Fair enough. However, my mother had her house paid for i.e. no mortgage with the bank in question and the money she had in the savings account was €15,000, so why the probate proceedings? Is it to legally transfer the deeds of the house to her children ?

A little worried as regards the bill for the solicitors work regarding probate and with the relative link we hadn't asked about how much he will charge

Thanks.


----------



## murphaph (28 Mar 2008)

mocky-Dower said:


> Hi There,
> 
> My mother died last October, she left her house to her children and some money she had in the bank to her grandchildren (all was to be divided equally) she stated all of this in her Will, in the will she made a relative of hers (who happens to be a solicitor) the executor.
> 
> ...


All wills have to go through probate to make sure they are valid. A will is just a set of wishes, not a list of instructions, so it has to be examined to see that it is legal and valid. The probate office decide if a will is valid and then grant probate to the executor which allows that person to lawfully gain access to the deceased's estate and get property conveyed into the new owner's name etc. A bank is correct not to release a sum as large as 15k to someone who doesn't have the lawful authority to gain access. My dad died recently and it's in probate now however is moving very fast and they are about to issue letters of administration (because he died intestate, there's no executor, there's an administrator but it's similar). Good luck.


----------



## mocky-Dower (28 Mar 2008)

Thanks Murph, There no problems with this and I suppose its better to get this sorted correctly, its just that I thought a Will was a legal document and its sounds like with probate you have to get another legal document, and the fact that my mothers house was paid for (mortgage was cleared) that this would not concern the bank who initiated the probate when the solicitor tried to release the 15K for the grand children.

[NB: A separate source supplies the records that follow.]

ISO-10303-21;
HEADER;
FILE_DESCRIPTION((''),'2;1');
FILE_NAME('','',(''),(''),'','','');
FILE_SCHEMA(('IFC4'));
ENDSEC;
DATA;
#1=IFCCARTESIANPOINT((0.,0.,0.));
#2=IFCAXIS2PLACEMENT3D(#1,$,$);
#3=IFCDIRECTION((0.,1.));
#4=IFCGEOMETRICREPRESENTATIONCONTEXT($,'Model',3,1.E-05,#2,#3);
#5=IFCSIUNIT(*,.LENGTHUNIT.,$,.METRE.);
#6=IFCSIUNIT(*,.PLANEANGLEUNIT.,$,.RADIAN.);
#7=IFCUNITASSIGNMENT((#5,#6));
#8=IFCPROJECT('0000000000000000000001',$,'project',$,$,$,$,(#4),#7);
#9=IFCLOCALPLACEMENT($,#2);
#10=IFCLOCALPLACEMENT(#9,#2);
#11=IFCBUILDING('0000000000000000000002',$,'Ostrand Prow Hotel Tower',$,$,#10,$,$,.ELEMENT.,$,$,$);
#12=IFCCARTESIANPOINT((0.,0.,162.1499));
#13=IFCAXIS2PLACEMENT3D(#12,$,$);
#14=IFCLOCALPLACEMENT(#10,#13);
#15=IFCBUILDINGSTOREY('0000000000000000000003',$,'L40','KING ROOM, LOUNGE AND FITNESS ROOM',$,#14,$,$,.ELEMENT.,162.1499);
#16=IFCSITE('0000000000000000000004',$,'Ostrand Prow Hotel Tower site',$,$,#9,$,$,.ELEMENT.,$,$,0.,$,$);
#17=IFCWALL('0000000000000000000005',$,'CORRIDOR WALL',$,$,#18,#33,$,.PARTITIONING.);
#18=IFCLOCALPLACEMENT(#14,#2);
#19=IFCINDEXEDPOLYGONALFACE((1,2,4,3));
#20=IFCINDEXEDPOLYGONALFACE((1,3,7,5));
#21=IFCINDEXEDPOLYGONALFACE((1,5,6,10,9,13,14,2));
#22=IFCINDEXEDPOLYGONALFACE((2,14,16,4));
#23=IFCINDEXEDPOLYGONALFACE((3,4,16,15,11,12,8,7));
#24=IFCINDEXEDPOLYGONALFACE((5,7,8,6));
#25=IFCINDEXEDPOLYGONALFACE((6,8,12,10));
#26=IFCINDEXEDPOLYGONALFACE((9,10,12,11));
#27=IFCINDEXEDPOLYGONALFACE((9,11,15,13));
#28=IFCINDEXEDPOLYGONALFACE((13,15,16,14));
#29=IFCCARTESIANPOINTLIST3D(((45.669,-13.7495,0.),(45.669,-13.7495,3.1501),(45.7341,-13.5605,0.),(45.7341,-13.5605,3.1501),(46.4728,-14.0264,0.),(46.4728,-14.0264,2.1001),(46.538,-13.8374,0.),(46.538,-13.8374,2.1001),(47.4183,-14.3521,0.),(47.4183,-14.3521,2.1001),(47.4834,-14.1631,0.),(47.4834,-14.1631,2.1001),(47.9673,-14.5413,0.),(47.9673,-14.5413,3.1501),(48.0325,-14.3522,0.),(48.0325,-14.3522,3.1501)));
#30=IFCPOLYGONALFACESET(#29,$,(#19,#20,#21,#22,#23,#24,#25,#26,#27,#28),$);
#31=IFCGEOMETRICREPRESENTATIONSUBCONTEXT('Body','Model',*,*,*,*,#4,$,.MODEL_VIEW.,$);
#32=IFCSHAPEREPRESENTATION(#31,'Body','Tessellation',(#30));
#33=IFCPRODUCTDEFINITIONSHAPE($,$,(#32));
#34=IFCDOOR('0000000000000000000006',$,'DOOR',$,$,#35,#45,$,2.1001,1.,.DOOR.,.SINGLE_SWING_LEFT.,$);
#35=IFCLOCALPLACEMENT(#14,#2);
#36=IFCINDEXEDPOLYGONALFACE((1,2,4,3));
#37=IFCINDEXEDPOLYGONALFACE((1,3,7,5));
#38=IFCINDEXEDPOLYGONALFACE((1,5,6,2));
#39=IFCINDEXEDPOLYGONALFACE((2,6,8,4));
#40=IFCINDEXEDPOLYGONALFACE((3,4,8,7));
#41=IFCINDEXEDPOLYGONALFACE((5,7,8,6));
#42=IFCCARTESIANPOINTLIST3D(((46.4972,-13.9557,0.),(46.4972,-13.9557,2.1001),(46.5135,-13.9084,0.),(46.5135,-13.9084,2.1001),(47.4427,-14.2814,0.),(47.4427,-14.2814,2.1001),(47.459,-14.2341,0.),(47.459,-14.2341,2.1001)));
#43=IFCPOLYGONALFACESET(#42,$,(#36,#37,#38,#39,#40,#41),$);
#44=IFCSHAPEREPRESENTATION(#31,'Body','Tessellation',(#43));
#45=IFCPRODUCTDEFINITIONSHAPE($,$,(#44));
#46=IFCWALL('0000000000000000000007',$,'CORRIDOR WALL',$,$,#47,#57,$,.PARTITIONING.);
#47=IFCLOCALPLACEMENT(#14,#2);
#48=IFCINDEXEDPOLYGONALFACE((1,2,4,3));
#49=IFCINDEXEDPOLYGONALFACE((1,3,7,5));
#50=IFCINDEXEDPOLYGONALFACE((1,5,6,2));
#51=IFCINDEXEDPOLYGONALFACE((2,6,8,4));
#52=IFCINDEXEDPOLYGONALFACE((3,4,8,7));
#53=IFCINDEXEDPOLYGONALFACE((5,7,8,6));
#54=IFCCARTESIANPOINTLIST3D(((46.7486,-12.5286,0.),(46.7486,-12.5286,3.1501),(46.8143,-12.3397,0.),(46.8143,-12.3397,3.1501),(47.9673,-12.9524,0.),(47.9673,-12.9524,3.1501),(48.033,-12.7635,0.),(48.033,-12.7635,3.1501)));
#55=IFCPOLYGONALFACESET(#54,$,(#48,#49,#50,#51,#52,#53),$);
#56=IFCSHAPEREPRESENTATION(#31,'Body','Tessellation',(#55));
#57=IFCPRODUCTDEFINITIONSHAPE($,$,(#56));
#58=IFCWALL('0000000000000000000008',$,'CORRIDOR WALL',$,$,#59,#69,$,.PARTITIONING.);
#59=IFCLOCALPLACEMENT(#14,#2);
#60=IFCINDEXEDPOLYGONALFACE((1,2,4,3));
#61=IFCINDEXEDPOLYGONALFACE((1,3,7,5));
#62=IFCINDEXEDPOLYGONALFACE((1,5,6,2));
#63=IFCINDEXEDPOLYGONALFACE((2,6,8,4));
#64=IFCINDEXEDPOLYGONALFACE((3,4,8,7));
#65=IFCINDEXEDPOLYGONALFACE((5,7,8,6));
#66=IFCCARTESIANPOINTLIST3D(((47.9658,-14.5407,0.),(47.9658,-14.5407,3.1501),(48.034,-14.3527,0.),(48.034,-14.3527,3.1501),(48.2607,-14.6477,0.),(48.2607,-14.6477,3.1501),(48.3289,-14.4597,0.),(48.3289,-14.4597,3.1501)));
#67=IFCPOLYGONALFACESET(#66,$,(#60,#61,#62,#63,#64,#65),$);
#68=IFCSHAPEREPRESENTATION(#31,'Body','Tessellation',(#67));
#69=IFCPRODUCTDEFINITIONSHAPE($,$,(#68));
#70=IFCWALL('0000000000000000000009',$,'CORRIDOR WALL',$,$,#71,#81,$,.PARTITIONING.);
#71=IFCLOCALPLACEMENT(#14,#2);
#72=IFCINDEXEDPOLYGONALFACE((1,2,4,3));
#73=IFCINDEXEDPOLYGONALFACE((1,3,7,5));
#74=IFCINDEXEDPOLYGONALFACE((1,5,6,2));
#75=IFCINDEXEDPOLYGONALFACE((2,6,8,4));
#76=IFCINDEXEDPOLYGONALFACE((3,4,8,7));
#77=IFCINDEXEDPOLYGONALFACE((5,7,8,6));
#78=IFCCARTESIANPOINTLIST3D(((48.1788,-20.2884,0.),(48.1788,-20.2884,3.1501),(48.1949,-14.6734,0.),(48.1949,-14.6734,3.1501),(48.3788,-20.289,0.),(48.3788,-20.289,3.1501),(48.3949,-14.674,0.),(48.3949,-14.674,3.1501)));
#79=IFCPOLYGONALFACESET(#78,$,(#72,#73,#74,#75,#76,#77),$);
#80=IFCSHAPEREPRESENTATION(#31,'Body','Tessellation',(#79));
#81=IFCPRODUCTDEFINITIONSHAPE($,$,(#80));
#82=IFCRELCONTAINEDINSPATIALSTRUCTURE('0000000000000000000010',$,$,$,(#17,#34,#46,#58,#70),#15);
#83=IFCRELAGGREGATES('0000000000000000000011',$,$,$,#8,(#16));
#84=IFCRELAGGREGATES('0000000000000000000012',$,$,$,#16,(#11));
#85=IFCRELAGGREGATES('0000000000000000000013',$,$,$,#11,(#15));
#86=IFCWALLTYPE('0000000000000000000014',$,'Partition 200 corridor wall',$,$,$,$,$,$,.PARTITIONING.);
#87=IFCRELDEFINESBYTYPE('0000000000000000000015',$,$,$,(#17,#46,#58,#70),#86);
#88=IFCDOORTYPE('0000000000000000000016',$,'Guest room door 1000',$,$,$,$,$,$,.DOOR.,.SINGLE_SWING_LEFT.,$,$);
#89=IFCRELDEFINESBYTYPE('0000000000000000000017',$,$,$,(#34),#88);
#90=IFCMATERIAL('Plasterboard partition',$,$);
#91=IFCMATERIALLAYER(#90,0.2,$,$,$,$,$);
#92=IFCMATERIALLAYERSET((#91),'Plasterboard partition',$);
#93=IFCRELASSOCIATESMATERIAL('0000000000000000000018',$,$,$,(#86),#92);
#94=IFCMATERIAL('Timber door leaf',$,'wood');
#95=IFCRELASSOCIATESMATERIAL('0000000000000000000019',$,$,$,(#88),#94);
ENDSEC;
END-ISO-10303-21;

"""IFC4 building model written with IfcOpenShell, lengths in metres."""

from ifc_helpers import new_model, si_unit, direction, frame, frame_2d, origin, place, context, subcontext, project, spatial, rectangle, extrude, material, layer, layer_set, type_object, element, fill, save


model = new_model("IFC4")

# Units and contexts
model_context = context("Model", 3, precision=1e-05, world=origin(), true_north=direction((0.0, 1.0)))
body_context = subcontext(model_context, "Body", "Model", "MODEL_VIEW")
ifc_project = project(units=[si_unit("LENGTHUNIT", "METRE"), si_unit("PLANEANGLEUNIT", "RADIAN")], contexts=[model_context])

# Site, building, storey
site_placement = place(None, origin())
site = spatial("IfcSite", under=ifc_project, at=site_placement, Name="Ostrand Prow Hotel Tower site", CompositionType="ELEMENT", RefElevation=0.0)
building_placement = place(site_placement, origin())
building = spatial("IfcBuilding", under=site, at=building_placement, Name="Ostrand Prow Hotel Tower", CompositionType="ELEMENT")
storey_placement = place(building_placement, frame((0.0, 0.0, 162.1499)))
storey = spatial("IfcBuildingStorey", under=building, at=storey_placement, Name="L40", Description="KING ROOM, LOUNGE AND FITNESS ROOM", CompositionType="ELEMENT", Elevation=162.1499)

# Shared definitions
ifc_material_1 = material(Name="Plasterboard partition")
ifc_layer_1 = layer(ifc_material_1, 0.2)
ifc_layer_set_1 = layer_set([ifc_layer_1], Name="Plasterboard partition")
wall_type_1 = type_object("IfcWallType", Name="Partition 200 corridor wall", PredefinedType="PARTITIONING", material=ifc_layer_set_1)

# Wall, opening, door
wall_1_placement = place(storey_placement, frame((45.7017, -13.655, 0.0), z_axis=(0.0, 0.0, 1.0), x_axis=(0.945472, -0.325703, 0.0)))
wall_1 = element("IfcWall", 1, at=wall_1_placement, inside=storey, type_object=wall_type_1, Name="CORRIDOR WALL", PredefinedType="PARTITIONING", context=body_context, shape_type="SweptSolid", body=[
    extrude(rectangle(XDim=2.4309, YDim=0.2, at=frame_2d((1.2153, 0.0))), origin(), (0.0, 0.0, 1.0), 3.1501),
])
opening_1_placement = place(wall_1_placement, frame((0.8501, 0.0, 0.0)))
opening_1 = element("IfcOpeningElement", 2, at=opening_1_placement, cuts=wall_1, PredefinedType="OPENING", context=body_context, shape_type="SweptSolid", body=[
    extrude(rectangle(XDim=1.0, YDim=2.1001, at=frame_2d((0.5, 1.05))), frame((0.0, 0.1099, 0.0), z_axis=(0.0, -1.0, 0.0), x_axis=(1.0, 0.0, 0.0)), (0.0, 0.0, 1.0), 0.22),
])
ifc_material_2 = material(Name="Timber door leaf", Category="wood")
door_type_1 = type_object("IfcDoorType", Name="Guest room door 1000", OperationType="SINGLE_SWING_LEFT", PredefinedType="DOOR", material=ifc_material_2)
door_1_placement = place(opening_1_placement, origin())
door_1 = element("IfcDoor", 3, at=door_1_placement, inside=storey, type_object=door_type_1, Name="DOOR", OperationType="SINGLE_SWING_LEFT", OverallHeight=2.1001, OverallWidth=1.0, PredefinedType="DOOR", context=body_context, shape_type="SweptSolid", body=[
    extrude(rectangle(XDim=1.0, YDim=2.1001, at=frame_2d((0.5, 1.05))), frame((0.0, 0.0249, 0.0), z_axis=(0.0, -1.0, 0.0), x_axis=(1.0, 0.0, 0.0)), (0.0, 0.0, 1.0), 0.05),
])
fill(opening_1, door_1)

# Walls
wall_2_placement = place(storey_placement, frame((48.0, -12.8579, 0.0), z_axis=(0.0, 0.0, 1.0), x_axis=(-0.944517, 0.328462, 0.0)))
element("IfcWall", 4, at=wall_2_placement, inside=storey, type_object=wall_type_1, Name="CORRIDOR WALL", PredefinedType="PARTITIONING", context=body_context, shape_type="SweptSolid", body=[
    extrude(rectangle(XDim=1.2903, YDim=0.2, at=frame_2d((0.645, 0.0))), origin(), (0.0, 0.0, 1.0), 3.1501),
])
wall_3_placement = place(storey_placement, frame((48.0, -14.4468, 0.0), z_axis=(0.0, 0.0, 1.0), x_axis=(0.940111, -0.340868, 0.0)))
element("IfcWall", 5, at=wall_3_placement, inside=storey, type_object=wall_type_1, Name="CORRIDOR WALL", PredefinedType="PARTITIONING", context=body_context, shape_type="SweptSolid", body=[
    extrude(rectangle(XDim=0.3137, YDim=0.2, at=frame_2d((0.1567, 0.0))), origin(), (0.0, 0.0, 1.0), 3.1501),
])
wall_4_placement = place(storey_placement, frame((48.2949, -14.6736, 0.0), z_axis=(0.0, 0.0, 1.0), x_axis=(-0.00287, -0.999996, 0.0)))
element("IfcWall", 6, at=wall_4_placement, inside=storey, type_object=wall_type_1, Name="CORRIDOR WALL", PredefinedType="PARTITIONING", context=body_context, shape_type="SweptSolid", body=[
    extrude(rectangle(XDim=5.615, YDim=0.2, at=frame_2d((2.8076, 0.0))), origin(), (0.0, 0.0, 1.0), 3.1501),
])

save(model, "model.ifc")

What if she owned a classic car that was worth 30K and the bank knew nothing about this and our solicitor went to the bank to release any savings, would they insist on probate in that situation?

Thanks


----------



## mathepac (28 Mar 2008)

mocky-Dower said:


> ... I thought a Will was a legal document and its sounds like with probate you have to get another legal document...



I think you are confused. A *will* is a document where a testator expresses his or her *wishes* as to how they want their assets distributed after their death.

To give the will legal standing, an application is made by, or on behalf of, the executor to the Probate Office to have the will *"proven"*. Once probate is granted, the will is now classified as proven. Then, having dotted and crossed all the requisite legal and financial i's and t's, the executor is clear to gather up the assets of the testator, pay off any outstanding creditors, and distribute  the residue to the beneficiaries, based on the contents of the will.



mocky-Dower said:


> ... and the fact that my mothers house was paid for (mortgage was cleared) that this would not concern the bank who initiated the probate when the solicitor tried to release the 15K for the grand children.
> 
> What if she owned a classic car that was worth 30K and the bank knew nothing about this and our solicitor went to the bank to release any savings, would they insist on probate in that situation?...



I doubt if the bank "initiated the probate". I believe they may have requested proof of grant of probate from the executor, so they were assured of his legal standing in order to gather up the testator's assets.

Disposal or distribution of any of the testator's assets by the executor is illegal until probate is granted and if it happens the executor may be personally liable for any resultant losses.

I don't understand point about the house being mortgage free or the issue in relation to a classic car as none of these assets would have been under the control of the bank.

Where I would be concerned is if the solicitor / executor is trying to gain control of or distribute assets before the grant of probate, or as you seem to imply, not understand the process.


----------



## mocky-Dower (28 Mar 2008)

Thanks Mathepac,

This makes it a lot clearer as regards the need for probate, it makes more sense now, as regards the classic car, I was trying to say that she would have had assets in excess of 25K (bank would no nothing about the Classic Car, but the deeds of the house are with the bank in question) and in that case would the bank want "proof of grant of probate from the executor" . 

Just on the side, do *all* wills have to go through probate of is is only when they exceed 25K ?

Thanks for you help on this.


----------



## murphaph (28 Mar 2008)

mocky-Dower said:


> Just on the side, do *all* wills have to go through probate of is is only when they exceed 25K ?


If a will is to be made legal it must be examined and "proven" by the probate office. I'm sure many wills never see probate owing to there being so few assets that survivors aren't bothered with it. A bank may release small amounts of savings to the next of kin with just a death cert and no grant of probate but for larger sums they will not. To transfer a house etc. to a survivor would require probate also.


----------



## mocky-Dower (28 Mar 2008)

Thanks Lads, a lot clearer now, it might wreck people's heads when they hear about all this probate stuff, but when its explained and you think about it make a lot of sense. I was going to mention the Mahon Tribunal  . . . no, wont go there.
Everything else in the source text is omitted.